While this region of the world suffered so horribly, the rest of us stayed glued to our television sets, unable to comprehend the extent of the devastation even though we saw the bodies, bloated and decomposing on the beach, even though we heard the cries of those whose children were ripped from their arms by the ruthless seas. The stories continue, horrifying and bizarre. In one village, nine women claimed to be the mother of a lone orphan. The husband of one of the women threatened that he and his wife would commit suicide if they were not awarded the child while another woman threatened murder.2 Finally, through DNA testing, the baby was reunited with his true parents.
In addition to claiming lives, this natural disaster has challenged the faith of people around the world. How could a loving God allow it? Is he angry? Weak? Uncaring? Where is the protection we thought he owed us by virtue of our religious beliefs and practices? Does he even exist?
These questions deserve our respect. The world's grief is strong and deep. But as I have tried to make sense of the tragic circumstances, I have discovered one thing about natural disasters. They are not all that natural, at least in terms of God's original design. Scripture tells us that in the beginning, creation was a place of natural order, peace, and harmony. In fact the word "peace" as it is used in the Bible contains within it the notion of completion. When God's work is complete, things are as they should be.
But sin has spoiled the peace, disrupted life, and caused fractures and divisions within the natural world. As a result our universe, though it is beautiful, has also become treacherous. Life is not as it should be. As St. Paul so vividly put it, all creation groans, awaiting the day when it too will be delivered from its bondage to death and decay. I do not believe that a wrathful God presided over the tsunami in the Indian Ocean. But God may have watched and wept as Jesus wept over Jerusalem when he envisioned the death and destruction his people would one day suffer at the hands of the Roman army. He wept because they did not know what made for peace.
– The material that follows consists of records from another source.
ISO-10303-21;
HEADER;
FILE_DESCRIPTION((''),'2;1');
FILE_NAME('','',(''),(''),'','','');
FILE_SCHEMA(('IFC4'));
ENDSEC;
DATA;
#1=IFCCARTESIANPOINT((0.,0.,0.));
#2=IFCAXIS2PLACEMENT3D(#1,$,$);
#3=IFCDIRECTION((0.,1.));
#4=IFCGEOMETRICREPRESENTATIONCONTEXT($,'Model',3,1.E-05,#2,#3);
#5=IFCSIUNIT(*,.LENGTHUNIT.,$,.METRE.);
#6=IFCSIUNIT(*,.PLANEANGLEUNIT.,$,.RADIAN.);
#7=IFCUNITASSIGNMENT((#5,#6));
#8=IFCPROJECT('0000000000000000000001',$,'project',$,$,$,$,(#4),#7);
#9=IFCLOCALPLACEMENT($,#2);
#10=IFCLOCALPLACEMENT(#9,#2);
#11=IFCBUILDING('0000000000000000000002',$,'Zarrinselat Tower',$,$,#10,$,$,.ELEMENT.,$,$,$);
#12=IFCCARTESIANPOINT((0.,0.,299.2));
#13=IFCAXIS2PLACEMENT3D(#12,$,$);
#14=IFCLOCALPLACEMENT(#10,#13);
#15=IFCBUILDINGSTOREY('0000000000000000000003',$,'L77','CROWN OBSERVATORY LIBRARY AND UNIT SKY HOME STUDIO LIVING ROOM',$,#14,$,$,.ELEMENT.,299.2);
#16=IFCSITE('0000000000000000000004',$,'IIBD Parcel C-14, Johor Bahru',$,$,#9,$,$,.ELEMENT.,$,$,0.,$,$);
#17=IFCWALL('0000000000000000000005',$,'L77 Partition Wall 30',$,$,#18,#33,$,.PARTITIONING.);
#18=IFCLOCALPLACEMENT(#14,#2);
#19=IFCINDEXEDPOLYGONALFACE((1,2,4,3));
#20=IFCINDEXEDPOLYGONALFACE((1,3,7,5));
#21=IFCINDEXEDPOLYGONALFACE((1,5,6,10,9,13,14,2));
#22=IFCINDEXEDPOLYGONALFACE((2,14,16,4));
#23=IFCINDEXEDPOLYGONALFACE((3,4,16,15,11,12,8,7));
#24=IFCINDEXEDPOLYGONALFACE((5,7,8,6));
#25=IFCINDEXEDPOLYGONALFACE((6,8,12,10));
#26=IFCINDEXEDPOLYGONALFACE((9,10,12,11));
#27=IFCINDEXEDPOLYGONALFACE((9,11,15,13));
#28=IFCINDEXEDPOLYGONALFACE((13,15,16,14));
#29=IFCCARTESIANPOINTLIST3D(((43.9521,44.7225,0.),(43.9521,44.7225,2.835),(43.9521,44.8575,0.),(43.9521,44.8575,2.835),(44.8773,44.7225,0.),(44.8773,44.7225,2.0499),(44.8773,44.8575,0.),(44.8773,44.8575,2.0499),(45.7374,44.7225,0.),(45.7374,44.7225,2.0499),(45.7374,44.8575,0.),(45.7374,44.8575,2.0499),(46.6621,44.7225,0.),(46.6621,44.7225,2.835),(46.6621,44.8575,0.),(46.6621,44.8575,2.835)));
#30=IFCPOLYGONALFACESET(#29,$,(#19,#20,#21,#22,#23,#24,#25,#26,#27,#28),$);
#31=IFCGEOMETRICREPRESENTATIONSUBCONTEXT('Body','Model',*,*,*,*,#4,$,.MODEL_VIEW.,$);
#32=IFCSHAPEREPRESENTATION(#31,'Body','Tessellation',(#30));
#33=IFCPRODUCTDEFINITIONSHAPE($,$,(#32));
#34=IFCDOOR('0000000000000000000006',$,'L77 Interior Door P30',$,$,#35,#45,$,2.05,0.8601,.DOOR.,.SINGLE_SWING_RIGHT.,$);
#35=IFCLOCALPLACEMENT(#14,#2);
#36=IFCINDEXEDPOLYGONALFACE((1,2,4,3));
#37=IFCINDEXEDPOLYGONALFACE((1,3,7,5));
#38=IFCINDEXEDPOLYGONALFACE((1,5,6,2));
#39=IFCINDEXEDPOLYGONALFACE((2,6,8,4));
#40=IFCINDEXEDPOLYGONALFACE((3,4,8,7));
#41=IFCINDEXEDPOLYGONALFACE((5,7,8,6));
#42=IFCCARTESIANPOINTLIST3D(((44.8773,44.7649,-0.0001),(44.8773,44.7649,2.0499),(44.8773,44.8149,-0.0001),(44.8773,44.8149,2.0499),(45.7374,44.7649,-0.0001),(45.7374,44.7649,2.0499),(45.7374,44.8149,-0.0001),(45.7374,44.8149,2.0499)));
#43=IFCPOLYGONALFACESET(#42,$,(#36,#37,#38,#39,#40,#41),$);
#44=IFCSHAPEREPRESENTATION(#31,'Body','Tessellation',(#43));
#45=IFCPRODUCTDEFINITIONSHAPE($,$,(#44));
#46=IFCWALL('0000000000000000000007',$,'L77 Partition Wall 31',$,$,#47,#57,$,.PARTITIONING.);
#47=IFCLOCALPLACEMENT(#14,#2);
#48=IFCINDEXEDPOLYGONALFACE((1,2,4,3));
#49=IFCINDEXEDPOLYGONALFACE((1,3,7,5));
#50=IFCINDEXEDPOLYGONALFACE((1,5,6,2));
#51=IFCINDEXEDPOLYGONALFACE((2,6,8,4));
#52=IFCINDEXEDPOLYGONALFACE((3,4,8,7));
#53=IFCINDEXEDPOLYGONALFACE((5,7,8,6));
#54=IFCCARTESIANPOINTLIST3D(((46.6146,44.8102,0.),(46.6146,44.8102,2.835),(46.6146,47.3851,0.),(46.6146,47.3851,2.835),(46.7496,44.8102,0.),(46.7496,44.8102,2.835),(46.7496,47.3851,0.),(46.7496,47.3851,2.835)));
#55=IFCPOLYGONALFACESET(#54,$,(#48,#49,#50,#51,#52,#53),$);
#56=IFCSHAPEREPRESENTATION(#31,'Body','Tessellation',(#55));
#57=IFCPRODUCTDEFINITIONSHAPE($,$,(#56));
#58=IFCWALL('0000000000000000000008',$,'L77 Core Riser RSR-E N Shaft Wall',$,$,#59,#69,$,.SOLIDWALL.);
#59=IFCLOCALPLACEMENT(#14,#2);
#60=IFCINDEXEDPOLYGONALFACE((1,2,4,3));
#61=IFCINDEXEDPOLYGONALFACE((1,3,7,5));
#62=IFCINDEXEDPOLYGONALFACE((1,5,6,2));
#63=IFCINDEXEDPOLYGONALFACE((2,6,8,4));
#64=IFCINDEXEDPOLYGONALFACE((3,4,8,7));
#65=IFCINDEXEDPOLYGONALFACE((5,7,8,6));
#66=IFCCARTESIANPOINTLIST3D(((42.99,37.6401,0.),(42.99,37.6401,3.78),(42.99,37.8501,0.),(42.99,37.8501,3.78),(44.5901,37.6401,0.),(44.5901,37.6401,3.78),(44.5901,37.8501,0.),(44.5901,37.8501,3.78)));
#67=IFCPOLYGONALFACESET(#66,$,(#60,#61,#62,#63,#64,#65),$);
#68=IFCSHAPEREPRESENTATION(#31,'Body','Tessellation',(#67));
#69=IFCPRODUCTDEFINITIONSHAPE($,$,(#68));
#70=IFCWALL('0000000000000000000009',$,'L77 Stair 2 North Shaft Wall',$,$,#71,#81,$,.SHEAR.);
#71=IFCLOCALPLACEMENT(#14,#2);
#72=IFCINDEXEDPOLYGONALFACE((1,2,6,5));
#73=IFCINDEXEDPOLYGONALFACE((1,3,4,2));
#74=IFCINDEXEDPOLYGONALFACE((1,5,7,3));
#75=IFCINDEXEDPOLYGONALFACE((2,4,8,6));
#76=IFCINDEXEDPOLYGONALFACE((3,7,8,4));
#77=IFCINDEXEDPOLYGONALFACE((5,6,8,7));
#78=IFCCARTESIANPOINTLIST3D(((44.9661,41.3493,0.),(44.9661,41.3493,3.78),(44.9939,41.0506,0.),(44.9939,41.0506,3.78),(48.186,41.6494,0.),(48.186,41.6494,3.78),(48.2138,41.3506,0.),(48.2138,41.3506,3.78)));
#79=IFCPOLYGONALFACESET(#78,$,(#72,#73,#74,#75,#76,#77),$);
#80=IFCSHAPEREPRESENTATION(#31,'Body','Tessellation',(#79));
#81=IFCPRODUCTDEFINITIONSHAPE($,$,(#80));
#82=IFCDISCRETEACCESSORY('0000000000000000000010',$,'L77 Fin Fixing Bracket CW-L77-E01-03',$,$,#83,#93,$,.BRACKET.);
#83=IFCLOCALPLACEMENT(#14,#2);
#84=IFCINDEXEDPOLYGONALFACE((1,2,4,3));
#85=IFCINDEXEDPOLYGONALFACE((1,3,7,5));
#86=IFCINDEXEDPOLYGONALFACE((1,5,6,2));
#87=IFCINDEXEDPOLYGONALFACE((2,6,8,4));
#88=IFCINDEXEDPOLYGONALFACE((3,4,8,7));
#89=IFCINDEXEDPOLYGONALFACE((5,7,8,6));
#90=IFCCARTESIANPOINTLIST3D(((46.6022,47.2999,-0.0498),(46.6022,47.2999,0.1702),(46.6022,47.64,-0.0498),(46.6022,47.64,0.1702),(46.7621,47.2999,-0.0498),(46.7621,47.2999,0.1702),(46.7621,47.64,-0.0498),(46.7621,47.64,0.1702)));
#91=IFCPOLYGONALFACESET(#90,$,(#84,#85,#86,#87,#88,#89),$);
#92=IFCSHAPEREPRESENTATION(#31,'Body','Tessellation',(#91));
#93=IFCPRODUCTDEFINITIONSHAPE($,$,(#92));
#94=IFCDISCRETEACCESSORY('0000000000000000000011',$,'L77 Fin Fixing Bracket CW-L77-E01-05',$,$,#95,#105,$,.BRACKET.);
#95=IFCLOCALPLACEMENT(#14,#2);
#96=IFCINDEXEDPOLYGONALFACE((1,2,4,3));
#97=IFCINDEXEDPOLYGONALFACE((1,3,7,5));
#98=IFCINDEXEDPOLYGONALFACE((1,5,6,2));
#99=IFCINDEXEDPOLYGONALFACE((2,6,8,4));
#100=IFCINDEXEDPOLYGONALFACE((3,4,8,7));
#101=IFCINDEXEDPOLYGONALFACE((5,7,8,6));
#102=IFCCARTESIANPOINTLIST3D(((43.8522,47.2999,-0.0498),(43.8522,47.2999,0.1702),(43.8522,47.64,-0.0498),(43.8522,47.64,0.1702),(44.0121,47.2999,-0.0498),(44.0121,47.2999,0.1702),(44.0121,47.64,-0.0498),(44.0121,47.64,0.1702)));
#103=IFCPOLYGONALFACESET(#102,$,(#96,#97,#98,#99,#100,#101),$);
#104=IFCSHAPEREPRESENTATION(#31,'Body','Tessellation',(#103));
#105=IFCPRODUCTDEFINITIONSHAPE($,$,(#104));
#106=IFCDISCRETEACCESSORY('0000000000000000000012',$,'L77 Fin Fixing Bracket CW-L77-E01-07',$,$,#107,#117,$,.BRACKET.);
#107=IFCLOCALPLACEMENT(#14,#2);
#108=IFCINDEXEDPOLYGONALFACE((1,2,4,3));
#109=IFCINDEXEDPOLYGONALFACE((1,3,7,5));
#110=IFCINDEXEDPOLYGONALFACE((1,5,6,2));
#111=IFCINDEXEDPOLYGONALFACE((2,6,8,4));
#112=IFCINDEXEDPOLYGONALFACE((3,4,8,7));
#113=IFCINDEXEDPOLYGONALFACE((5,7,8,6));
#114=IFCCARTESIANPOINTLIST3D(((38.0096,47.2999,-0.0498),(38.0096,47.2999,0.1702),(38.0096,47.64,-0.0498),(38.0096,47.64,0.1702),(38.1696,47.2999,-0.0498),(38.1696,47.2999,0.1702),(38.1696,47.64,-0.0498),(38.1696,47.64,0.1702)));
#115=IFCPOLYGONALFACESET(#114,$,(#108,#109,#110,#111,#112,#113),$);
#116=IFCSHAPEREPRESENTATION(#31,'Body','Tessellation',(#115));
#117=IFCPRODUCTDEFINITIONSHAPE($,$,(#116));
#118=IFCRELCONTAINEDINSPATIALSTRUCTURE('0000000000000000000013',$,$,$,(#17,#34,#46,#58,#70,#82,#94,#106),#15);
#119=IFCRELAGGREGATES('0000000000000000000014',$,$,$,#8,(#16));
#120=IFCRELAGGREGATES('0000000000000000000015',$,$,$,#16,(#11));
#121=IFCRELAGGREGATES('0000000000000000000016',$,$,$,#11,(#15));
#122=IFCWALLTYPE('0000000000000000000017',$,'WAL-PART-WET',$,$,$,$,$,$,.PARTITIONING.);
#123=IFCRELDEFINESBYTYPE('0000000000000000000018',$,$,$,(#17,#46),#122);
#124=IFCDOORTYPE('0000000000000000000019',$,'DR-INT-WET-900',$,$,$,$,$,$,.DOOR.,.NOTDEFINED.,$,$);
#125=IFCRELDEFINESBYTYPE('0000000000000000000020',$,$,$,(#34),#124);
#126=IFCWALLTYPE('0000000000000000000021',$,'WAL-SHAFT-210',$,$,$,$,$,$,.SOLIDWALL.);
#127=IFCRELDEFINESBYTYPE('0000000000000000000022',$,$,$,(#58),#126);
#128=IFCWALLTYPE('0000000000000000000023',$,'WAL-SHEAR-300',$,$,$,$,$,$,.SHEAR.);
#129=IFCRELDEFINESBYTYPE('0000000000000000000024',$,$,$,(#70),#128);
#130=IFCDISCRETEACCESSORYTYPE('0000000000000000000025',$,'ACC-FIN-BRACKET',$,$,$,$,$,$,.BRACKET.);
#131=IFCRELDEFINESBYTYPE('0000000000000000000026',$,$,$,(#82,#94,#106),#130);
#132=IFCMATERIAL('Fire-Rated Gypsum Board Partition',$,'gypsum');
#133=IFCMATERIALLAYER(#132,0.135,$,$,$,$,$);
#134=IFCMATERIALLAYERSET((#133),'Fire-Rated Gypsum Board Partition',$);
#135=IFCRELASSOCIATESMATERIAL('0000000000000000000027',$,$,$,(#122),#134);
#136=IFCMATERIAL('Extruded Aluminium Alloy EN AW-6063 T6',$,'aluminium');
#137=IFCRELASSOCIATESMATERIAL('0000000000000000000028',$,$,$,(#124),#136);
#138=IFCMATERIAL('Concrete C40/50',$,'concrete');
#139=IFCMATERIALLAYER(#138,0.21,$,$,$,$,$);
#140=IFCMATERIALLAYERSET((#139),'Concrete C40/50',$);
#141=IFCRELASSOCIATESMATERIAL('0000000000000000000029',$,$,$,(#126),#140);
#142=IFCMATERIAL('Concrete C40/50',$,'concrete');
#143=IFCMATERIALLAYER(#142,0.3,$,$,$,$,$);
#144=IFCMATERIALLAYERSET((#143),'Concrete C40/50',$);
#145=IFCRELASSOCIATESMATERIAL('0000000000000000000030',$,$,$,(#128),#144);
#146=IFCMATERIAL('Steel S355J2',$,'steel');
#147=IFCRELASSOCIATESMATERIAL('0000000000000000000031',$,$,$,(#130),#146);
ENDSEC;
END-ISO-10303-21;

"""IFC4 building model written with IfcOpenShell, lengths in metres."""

from ifc_helpers import new_model, si_unit, direction, frame, frame_2d, origin, origin_2d, place, context, subcontext, project, spatial, rectangle, extrude, material, layer, layer_set, type_object, element, fill, save


model = new_model("IFC4")

# Units and contexts
model_context = context("Model", 3, precision=1e-05, world=origin(), true_north=direction((0.0, 1.0)))
body_context = subcontext(model_context, "Body", "Model", "MODEL_VIEW")
ifc_project = project(units=[si_unit("LENGTHUNIT", "METRE"), si_unit("PLANEANGLEUNIT", "RADIAN")], contexts=[model_context])

# Site, building, storey
site_placement = place(None, origin())
site = spatial("IfcSite", under=ifc_project, at=site_placement, Name="IIBD Parcel C-14, Johor Bahru", CompositionType="ELEMENT", RefElevation=0.0)
building_placement = place(site_placement, origin())
building = spatial("IfcBuilding", under=site, at=building_placement, Name="Zarrinselat Tower", CompositionType="ELEMENT")
storey_placement = place(building_placement, frame((0.0, 0.0, 299.2)))
storey = spatial("IfcBuildingStorey", under=building, at=storey_placement, Name="L77", Description="CROWN OBSERVATORY LIBRARY AND UNIT SKY HOME STUDIO LIVING ROOM", CompositionType="ELEMENT", Elevation=299.2)

# Shared definitions
ifc_material_1 = material(Name="Fire-Rated Gypsum Board Partition", Category="gypsum")
ifc_layer_1 = layer(ifc_material_1, 0.135)
ifc_layer_set_1 = layer_set([ifc_layer_1], Name="Fire-Rated Gypsum Board Partition")
wall_type_1 = type_object("IfcWallType", Name="WAL-PART-WET", PredefinedType="PARTITIONING", material=ifc_layer_set_1)

# Wall, opening, door
wall_1_placement = place(storey_placement, frame((43.9521, 44.79, 0.0), z_axis=(0.0, 0.0, 1.0), x_axis=(1.0, 0.0, 0.0)))
wall_1 = element("IfcWall", 1, at=wall_1_placement, inside=storey, type_object=wall_type_1, Name="L77 Partition Wall 30", PredefinedType="PARTITIONING", context=body_context, shape_type="SweptSolid", body=[
    extrude(rectangle(XDim=2.71, YDim=0.135, at=frame_2d((1.355, 0.0))), origin(), (0.0, 0.0, 1.0), 2.835),
])
opening_1_placement = place(wall_1_placement, frame((0.925, 0.0, 0.0)))
opening_1 = element("IfcOpeningElement", 2, at=opening_1_placement, cuts=wall_1, PredefinedType="OPENING", context=body_context, shape_type="SweptSolid", body=[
No matter how broken our world is, it is still right to call God loving, still right to hail Jesus as the Prince of Peace. During his life on earth he calmed the storm, walked on the water, healed the sick, and brought the dead to life. These are signs that he intends to restore God's plan for creation, to bring it to completion by inaugurating and establishing the new creation. One day Jesus Christ will enable the lion and the lamb to lie down together, making the world what it should be. A place where there is no more death, no more decay, no more illness or suffering or sorrow. A place where sin cannot be found and peace will reign from sea to sea. Until then, we must help those who suffer and console those who grieve. We must pray for peace and work for peace and refuse to accept a world that is less than it should be and less than it will be. And as we pray, let us remember that Jesus not only brings us peace, he is our peace.